The world population is growing at a rapid pace, adding about 150,000 people each day. By 2050 there will be a world population of approximately nine billion people. The largest share of the fast-growing world population is coming from emerging markets in: Africa, Asia, Latin America and the Middle East.
At the same time, these regions are driving global economic growth. The International Monetary Fund has forecast that over the coming years, around 70 percent of world growth will come from developing countries. With this trend comes a range of opportunities for emerging market investors, as sectors such as construction and housing see rapid expansion.
As interest in these regions grows, leading property platform Lamudi lists five tips for real estate investors looking to enter these markets.
1.Familiarize yourself with local laws and restrictions
Before investing in emerging real estate markets, investors should gather accurate information about the laws and restrictions that are specific to the country. Foreign investors face restrictions on buying property in some emerging countries. In the Philippines, for example, international buyers are prohibited from owning land but they can purchase condominium units, so long as foreign ownership in a single project does not exceed 40 percent. Make sure you check official government information and get in touch with local lawyers, as well as regularly reading the news to stay up to date on any developments.
2.Take a long-term view
Take the time to watch the real estate market and closely examine the long-term outlook before investing. Within regions that are subject to volatility, it is especially important not to rush into a final decision. Instead, try to take a long-term view of the market outlook. Property investments are always long-term decisions that must be well informed, but this is particularly true in emerging markets that are highly perceptible to change. The best way to be prepared is to use independent, verifiable sources that offer local and national information.
3.Find local partners
Finding a suitable lawyer, translator, or certified local real estate broker who can be your contact on the ground is necessary in order to navigate the local market. Choose people who are experts in their field and have the local knowledge you need to be successful in the market. This will save you time and money in the long run.

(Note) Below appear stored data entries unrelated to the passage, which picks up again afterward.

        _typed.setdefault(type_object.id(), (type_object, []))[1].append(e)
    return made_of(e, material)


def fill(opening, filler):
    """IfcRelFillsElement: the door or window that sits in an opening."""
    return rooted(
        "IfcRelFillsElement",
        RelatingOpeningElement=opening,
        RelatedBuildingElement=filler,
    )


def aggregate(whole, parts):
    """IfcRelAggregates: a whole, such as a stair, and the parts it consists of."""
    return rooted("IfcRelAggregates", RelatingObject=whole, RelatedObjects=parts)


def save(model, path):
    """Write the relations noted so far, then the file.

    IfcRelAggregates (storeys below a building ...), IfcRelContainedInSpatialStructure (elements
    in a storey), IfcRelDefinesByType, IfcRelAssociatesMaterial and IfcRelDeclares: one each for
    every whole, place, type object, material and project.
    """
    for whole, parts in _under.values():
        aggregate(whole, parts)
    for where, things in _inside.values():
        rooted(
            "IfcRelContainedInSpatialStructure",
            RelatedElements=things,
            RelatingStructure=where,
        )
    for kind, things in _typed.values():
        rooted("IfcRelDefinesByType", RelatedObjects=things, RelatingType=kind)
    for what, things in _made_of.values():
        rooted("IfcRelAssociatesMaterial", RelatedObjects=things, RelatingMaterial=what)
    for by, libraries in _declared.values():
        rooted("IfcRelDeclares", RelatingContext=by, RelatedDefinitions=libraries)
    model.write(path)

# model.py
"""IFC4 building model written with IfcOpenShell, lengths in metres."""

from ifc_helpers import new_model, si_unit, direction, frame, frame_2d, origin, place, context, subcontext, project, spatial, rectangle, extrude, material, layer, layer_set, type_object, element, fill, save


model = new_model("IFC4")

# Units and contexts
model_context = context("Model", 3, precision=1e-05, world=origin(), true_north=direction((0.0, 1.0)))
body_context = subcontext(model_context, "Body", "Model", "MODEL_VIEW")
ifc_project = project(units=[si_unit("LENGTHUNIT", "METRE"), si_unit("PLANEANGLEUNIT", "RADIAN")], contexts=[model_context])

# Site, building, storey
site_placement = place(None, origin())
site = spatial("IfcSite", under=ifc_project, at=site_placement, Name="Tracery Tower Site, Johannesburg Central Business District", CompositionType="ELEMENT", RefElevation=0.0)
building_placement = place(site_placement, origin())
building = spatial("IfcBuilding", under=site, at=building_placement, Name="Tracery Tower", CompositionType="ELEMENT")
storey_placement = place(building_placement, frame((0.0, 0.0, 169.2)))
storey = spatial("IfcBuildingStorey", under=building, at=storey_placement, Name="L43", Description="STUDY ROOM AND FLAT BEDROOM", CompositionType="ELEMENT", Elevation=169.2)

4.Build a diverse portfolio
There are constant price fluctuations in property markets around the world, but emerging markets can be particularly volatile. Therefore investors need to be flexible and able to quickly adapt to the changes. Investing in a diverse range of property in different regions and also different countries can help balance against these fluctuations in the market. Adaptability is the key to long-term success.

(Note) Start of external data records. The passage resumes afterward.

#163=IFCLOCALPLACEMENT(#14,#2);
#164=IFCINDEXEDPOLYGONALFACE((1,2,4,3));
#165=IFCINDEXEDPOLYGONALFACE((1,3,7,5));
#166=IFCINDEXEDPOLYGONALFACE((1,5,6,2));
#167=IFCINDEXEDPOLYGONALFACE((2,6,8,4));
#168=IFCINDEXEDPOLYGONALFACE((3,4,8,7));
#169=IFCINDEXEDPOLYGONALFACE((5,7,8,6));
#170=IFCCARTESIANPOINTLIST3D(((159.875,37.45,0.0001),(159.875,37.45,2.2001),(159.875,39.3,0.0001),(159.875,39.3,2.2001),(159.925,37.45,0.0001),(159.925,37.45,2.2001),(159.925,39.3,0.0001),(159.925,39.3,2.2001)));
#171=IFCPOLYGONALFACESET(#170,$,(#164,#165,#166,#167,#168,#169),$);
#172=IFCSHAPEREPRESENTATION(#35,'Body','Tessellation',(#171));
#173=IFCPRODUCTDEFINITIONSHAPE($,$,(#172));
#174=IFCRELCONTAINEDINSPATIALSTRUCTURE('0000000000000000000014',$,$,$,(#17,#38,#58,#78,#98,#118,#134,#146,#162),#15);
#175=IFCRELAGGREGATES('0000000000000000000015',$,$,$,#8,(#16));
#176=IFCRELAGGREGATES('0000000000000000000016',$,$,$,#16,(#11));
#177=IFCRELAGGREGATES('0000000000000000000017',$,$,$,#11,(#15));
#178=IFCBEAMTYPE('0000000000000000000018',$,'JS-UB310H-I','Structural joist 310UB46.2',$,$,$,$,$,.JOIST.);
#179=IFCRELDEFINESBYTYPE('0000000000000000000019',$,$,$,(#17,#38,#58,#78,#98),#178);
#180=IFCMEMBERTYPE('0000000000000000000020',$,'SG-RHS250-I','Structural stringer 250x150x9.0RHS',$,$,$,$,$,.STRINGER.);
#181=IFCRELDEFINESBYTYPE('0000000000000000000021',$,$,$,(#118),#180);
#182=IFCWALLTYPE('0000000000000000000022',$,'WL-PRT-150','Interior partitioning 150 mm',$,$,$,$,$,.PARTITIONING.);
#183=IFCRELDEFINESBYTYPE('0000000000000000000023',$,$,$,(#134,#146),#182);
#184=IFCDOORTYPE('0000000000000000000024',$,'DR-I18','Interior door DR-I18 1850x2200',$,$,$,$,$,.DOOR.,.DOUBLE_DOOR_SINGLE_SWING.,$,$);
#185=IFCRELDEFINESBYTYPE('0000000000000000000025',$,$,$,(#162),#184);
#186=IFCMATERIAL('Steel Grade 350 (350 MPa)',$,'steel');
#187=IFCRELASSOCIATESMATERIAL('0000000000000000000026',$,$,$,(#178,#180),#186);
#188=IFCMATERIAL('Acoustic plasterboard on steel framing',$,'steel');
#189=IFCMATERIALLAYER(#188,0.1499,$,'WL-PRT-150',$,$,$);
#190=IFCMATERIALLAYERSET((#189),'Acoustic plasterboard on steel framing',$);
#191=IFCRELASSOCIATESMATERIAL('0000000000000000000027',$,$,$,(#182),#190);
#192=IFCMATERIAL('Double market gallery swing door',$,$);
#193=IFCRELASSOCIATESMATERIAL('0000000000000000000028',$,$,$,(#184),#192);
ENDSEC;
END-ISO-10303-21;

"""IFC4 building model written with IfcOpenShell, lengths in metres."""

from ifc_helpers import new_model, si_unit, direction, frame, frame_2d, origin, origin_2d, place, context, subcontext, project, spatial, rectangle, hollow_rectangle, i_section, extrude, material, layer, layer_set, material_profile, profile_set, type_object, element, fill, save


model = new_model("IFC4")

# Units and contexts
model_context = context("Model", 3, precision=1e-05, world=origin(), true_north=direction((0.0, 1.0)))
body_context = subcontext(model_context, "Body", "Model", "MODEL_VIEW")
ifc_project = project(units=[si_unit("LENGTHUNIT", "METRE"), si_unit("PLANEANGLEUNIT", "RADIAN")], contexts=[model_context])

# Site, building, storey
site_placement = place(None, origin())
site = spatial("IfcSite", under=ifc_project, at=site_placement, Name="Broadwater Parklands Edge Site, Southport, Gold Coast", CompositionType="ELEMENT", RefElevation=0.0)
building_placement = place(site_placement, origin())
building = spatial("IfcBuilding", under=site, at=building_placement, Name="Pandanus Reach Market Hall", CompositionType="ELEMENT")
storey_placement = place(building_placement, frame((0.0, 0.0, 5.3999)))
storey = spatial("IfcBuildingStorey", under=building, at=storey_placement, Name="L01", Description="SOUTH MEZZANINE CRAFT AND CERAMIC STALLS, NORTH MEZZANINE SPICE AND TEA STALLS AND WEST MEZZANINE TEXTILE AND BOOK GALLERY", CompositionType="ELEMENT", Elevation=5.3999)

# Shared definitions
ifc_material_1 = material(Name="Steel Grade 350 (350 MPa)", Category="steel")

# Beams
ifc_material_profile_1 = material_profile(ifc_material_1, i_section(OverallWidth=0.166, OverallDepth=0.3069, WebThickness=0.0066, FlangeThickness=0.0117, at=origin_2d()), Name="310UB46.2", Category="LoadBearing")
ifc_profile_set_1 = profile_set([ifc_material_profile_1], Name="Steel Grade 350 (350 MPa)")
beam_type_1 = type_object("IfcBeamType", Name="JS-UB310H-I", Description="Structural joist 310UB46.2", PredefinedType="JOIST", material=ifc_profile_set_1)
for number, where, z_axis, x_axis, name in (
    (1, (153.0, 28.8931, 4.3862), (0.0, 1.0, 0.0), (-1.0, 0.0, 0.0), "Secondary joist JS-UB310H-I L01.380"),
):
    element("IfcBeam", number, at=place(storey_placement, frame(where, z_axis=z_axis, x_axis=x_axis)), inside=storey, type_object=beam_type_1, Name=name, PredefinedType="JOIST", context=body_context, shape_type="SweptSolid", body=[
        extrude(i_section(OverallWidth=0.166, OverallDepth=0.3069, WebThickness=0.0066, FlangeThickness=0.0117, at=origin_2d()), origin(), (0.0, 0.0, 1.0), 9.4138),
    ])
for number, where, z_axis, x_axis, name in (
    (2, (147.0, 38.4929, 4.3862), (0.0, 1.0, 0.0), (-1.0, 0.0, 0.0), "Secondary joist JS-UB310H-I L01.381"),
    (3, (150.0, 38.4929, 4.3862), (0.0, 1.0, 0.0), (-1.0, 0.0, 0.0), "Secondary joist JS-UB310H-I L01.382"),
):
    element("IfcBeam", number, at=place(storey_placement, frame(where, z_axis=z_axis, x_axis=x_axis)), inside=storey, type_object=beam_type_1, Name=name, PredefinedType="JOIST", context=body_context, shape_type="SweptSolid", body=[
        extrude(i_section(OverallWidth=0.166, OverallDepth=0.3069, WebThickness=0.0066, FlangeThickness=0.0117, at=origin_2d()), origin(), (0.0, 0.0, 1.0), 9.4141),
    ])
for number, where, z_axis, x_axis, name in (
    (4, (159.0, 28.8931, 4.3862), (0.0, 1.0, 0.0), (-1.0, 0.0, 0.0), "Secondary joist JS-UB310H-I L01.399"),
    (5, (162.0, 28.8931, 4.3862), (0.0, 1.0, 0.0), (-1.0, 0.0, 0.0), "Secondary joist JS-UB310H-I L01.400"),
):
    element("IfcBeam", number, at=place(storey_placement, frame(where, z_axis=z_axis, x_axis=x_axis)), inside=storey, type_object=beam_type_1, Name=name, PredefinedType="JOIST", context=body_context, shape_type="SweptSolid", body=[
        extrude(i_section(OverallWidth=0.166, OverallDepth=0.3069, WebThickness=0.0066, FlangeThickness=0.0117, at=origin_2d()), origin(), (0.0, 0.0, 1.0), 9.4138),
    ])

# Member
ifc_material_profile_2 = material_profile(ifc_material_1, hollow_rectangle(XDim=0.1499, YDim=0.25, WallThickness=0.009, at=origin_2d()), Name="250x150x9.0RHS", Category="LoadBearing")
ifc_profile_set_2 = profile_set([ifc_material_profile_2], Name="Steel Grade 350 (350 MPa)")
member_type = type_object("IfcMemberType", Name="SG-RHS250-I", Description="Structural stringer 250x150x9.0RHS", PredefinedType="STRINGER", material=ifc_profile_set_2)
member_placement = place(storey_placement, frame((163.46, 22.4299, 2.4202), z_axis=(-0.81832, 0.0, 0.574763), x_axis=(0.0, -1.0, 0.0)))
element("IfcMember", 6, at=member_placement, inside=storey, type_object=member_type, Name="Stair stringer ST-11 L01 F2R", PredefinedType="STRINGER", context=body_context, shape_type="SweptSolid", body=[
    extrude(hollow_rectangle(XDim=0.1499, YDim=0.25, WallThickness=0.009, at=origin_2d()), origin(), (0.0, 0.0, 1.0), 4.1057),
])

5.Be understanding of cultural differences
This applies to anyone looking to do business in a country other than their own. If you are planning to visit the country in which you are looking to invest, research local cultural practices and customs before your arrival. Something as small as how to introduce yourself in a business meeting can vary widely from country to country. In Myanmar, for example, where business etiquette is informed by the prevalence of Buddhism, traditions such as removing your shoes before entering a private home are still commonplace. Being aware of these differences from the beginning will help you to avoid any issues of miscommunication.